2016 Postmortem
In reply to the discussion: Ted Kennedy, Bernie, and history repeating itself right now [View all]karynnj
(59,503 posts)Part of the problem was that in 1979, Carter's popularity sank to the 30s as the gas lines grew. People blamed him after OPEC cut supplies. They also blamed him for inflation and extremely high interest rates. (For those too young to remember, home mortgage rates went up to the double digits -- ie as high as 16%! )
His favorability actually increased when the Iran hostages were taken - something I didn't remember, but which gallup shows in a peak that lasted about 4 months starting in November 1979. His favorability then returned to the 30s.

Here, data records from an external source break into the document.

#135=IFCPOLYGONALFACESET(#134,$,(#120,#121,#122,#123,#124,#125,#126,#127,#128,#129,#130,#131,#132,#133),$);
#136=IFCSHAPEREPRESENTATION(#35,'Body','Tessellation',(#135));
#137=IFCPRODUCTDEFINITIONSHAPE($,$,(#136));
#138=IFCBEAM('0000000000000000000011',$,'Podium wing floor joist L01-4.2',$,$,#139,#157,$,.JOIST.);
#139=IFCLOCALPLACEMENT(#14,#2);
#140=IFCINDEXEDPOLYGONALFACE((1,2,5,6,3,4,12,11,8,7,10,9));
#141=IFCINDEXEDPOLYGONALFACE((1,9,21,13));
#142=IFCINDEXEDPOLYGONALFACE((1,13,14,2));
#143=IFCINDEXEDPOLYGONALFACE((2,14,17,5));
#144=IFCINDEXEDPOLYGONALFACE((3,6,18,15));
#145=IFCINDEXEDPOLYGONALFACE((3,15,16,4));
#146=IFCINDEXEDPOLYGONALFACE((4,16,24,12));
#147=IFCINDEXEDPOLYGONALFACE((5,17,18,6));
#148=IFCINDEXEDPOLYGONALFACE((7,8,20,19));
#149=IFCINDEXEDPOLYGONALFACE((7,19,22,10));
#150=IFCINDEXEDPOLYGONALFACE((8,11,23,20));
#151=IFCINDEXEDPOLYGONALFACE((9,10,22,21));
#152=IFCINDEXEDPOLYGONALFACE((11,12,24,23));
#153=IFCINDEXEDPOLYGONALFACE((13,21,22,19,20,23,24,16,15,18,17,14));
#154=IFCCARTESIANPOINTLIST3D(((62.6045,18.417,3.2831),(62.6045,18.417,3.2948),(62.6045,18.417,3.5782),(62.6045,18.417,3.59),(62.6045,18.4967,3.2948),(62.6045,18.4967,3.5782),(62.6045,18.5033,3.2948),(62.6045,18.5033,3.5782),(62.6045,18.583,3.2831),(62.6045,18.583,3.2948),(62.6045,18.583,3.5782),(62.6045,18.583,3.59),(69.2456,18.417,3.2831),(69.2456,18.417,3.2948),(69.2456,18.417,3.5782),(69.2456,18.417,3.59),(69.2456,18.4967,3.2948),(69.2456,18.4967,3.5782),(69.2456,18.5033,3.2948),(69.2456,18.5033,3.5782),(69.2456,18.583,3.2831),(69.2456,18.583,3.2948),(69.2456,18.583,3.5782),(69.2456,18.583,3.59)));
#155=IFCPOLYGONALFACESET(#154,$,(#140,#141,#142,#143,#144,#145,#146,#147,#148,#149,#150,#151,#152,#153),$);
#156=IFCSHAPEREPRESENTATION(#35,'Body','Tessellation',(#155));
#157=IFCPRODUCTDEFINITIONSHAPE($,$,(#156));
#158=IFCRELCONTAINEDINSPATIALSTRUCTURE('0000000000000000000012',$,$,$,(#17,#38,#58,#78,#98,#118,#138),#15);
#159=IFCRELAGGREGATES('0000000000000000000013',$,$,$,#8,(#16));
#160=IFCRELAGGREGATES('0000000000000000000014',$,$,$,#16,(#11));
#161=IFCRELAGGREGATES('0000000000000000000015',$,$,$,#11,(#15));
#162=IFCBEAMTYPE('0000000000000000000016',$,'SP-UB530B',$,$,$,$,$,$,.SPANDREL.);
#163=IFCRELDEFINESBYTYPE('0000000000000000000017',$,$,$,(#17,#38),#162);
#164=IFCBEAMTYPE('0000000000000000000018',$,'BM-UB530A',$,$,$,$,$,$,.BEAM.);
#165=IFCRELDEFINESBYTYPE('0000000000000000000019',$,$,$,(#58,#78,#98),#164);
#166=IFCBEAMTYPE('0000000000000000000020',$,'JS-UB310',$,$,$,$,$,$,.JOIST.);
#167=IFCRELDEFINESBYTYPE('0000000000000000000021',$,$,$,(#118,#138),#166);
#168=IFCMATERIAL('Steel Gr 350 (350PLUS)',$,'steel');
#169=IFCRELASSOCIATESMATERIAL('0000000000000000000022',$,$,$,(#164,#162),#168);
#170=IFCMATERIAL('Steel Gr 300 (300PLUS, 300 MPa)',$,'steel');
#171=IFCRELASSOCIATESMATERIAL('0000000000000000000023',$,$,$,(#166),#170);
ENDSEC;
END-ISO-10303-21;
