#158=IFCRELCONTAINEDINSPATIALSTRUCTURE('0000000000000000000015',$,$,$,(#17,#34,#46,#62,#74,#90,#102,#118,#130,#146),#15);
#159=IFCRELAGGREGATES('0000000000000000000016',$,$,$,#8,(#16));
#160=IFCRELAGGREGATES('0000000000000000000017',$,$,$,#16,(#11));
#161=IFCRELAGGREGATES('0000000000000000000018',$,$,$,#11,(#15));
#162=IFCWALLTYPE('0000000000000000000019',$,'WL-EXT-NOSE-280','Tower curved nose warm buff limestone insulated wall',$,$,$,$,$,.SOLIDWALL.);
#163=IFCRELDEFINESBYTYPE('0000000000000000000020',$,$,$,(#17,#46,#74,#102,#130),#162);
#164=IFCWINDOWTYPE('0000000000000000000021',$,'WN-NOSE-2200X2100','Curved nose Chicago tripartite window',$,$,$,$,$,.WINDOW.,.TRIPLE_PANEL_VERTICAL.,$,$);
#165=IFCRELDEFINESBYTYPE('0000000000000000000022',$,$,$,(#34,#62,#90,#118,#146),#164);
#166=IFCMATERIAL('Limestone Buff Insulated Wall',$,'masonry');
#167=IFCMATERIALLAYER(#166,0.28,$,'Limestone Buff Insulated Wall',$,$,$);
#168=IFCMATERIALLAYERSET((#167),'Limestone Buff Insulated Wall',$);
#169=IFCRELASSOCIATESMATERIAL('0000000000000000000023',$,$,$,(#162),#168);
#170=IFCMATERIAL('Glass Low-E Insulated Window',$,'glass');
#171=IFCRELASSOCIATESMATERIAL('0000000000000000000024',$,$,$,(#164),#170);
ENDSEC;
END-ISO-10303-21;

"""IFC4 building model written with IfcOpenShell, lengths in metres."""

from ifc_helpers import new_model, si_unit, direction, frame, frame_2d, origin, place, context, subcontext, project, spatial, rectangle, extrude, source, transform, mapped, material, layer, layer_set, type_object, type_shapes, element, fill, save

Kennedy considered jumping in over the summer in 1979, finally making it official at the beginning of November. He lost the early primaries in Jan- March as Carter's favorability rose and as he dealt with the crisis. The timing was awful.
Then the rescue mission failed, Carter had the nomination and his favorability sunk back into the 30s.
He was further harmed when a liberal Republican (they had them then) John Anderson ran as an independent. He likely cause Carter to lose many states - such as Massachusetts to Reagan.
This also ignores that this was a wave election and people wanted change. In addition to Carter, 10 liberal Senators seeking reelection lost - including many never thought at risk - like McGovern and Birch Bayh lost as well. Given that -- it is rather likely that without Kennedy and Anderson, Carter would still have lost.